Programs like Project RIO, which focus on rehabilitation, mark a departure of sorts for American criminal justice, which has recently focused on punishment. Paul Gendreau, a former prison administrator, says the shift is occurring because so-called tough-on-crime approaches have failed in their mission of reducing crime.

"We know what doesn't work: it's boot camps, scared-straight programs, electronic monitoring, mandatory drug testing, anything that uses threats," says Mr. Gendreau, now a professor of criminal justice at the University of New Brunswick in St. John, Canada. "People who believe in these programs are solidly committed to magical thinking."

But even programs that offer a leg up on life will have only a marginal effect on the overall crime rate, Gendreau says, since the sort of people who qualify for job programs are usually self-selecting, nonviolent offenders who wouldn't have returned to crime in the first place. Such programs reduce repeat criminal behavior by an average of 10 to 15 percent.

Frank Cullen, a criminal-justice professor at the University of Cincinnati, says that job programs that provide only job skills aren't going after the heart of the problem, which is that many career criminals are simply people who have never learned social skills. "It would be like if you had raised children, but only gave them lessons in math or English, without any focus on values and no means of self-control," says Dr. Cullen. "When people return to crime, it's usually not because they don't have a job."
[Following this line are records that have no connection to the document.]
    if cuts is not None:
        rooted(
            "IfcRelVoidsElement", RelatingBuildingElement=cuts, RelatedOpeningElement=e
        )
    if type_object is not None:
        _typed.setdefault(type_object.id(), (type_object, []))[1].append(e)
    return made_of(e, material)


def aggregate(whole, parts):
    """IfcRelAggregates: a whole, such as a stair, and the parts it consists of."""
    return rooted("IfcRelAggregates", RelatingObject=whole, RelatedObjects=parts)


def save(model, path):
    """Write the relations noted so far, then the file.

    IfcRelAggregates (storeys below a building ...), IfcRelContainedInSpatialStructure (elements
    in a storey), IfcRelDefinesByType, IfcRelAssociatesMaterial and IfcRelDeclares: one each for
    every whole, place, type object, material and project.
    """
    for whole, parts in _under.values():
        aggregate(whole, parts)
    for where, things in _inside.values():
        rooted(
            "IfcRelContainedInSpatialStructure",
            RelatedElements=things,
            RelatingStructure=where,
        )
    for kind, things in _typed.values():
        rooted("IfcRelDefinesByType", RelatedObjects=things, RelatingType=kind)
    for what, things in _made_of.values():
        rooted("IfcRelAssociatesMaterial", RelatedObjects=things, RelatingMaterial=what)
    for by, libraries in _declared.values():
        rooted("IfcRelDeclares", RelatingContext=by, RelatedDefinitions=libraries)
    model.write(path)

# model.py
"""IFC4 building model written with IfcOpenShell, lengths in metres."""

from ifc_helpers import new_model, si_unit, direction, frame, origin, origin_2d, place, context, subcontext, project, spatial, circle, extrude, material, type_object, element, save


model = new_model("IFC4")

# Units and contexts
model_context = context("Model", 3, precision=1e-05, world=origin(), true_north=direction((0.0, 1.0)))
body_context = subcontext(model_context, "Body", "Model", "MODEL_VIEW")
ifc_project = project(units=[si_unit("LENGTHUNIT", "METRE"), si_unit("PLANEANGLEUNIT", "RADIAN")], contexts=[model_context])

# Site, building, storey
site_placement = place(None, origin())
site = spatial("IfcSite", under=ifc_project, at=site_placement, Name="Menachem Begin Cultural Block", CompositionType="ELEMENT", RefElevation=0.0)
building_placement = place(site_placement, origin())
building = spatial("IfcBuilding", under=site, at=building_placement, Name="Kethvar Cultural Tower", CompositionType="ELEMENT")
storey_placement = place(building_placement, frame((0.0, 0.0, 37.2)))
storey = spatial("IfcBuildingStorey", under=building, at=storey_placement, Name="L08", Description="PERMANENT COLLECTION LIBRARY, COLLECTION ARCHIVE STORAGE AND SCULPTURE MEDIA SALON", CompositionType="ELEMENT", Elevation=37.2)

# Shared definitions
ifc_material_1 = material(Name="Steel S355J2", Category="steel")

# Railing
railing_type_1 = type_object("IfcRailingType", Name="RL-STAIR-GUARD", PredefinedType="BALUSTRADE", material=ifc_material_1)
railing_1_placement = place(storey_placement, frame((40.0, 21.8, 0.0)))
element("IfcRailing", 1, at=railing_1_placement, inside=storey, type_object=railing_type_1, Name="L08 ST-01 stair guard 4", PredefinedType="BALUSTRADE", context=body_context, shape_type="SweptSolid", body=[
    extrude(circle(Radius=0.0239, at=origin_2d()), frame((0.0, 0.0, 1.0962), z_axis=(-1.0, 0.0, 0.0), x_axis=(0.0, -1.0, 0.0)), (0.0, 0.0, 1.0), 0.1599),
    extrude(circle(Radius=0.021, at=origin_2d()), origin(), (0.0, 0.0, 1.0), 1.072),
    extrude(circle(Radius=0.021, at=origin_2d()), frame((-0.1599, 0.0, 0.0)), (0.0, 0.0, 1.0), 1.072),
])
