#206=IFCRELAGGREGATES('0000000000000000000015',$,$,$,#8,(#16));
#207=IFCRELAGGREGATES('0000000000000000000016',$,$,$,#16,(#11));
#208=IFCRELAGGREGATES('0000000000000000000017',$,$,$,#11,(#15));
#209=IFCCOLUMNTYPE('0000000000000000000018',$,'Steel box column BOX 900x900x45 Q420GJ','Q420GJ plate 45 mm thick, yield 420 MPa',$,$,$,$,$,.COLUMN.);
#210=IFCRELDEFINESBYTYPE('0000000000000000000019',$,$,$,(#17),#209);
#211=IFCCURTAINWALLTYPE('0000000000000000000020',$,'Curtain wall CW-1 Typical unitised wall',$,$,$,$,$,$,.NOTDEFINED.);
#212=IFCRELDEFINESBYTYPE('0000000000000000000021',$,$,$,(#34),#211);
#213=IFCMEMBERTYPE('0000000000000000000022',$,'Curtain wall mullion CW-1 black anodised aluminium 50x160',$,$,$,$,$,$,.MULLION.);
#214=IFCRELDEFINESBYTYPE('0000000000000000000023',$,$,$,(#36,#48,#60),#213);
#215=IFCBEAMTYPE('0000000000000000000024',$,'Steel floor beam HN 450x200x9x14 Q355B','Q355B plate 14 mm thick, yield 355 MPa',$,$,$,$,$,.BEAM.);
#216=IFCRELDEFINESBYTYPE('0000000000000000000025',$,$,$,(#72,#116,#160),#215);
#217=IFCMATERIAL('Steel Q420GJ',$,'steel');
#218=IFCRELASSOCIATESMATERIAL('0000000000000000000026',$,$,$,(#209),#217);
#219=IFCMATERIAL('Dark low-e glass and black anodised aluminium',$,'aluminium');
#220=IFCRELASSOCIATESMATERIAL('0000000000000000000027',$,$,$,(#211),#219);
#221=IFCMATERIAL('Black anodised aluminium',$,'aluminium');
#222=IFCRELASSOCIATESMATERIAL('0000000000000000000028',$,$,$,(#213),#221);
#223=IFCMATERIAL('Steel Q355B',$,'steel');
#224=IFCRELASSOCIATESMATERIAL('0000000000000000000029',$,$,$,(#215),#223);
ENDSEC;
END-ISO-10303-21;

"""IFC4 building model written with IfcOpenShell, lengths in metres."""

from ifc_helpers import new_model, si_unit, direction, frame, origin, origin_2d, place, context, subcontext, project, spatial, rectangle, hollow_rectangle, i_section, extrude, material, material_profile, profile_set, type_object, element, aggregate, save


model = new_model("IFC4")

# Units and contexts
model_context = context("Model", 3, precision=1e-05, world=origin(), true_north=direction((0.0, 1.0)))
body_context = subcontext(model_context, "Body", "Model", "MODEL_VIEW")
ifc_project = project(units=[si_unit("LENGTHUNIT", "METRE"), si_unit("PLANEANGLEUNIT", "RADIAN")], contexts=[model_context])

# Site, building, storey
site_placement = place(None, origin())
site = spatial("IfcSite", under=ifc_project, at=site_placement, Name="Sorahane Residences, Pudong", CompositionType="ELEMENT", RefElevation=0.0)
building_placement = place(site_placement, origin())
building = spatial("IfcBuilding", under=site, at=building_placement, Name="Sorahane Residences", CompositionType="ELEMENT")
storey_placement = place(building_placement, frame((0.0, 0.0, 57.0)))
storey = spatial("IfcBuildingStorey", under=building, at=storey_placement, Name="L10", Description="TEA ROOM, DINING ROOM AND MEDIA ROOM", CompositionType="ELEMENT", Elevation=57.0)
But for John, the former felon who runs his own construction company, there is no question that a Project RIO meeting in prison was the turning point in his life. He still remembers the speaker that day, a well-dressed African-American man who spoke with the passion of a preacher about the value of work, and the need for better values.

"Had I not gone to that meeting, I wouldn't be sitting here talking to you today," says John, sipping soda at a South Austin burger joint. He also wouldn't be in a position to hire employees, a number of whom are themselves graduates of Project RIO.

"I was given a fair shake," John says of his hiring policies. "I'd like to be in a position to see more people given a fair shake."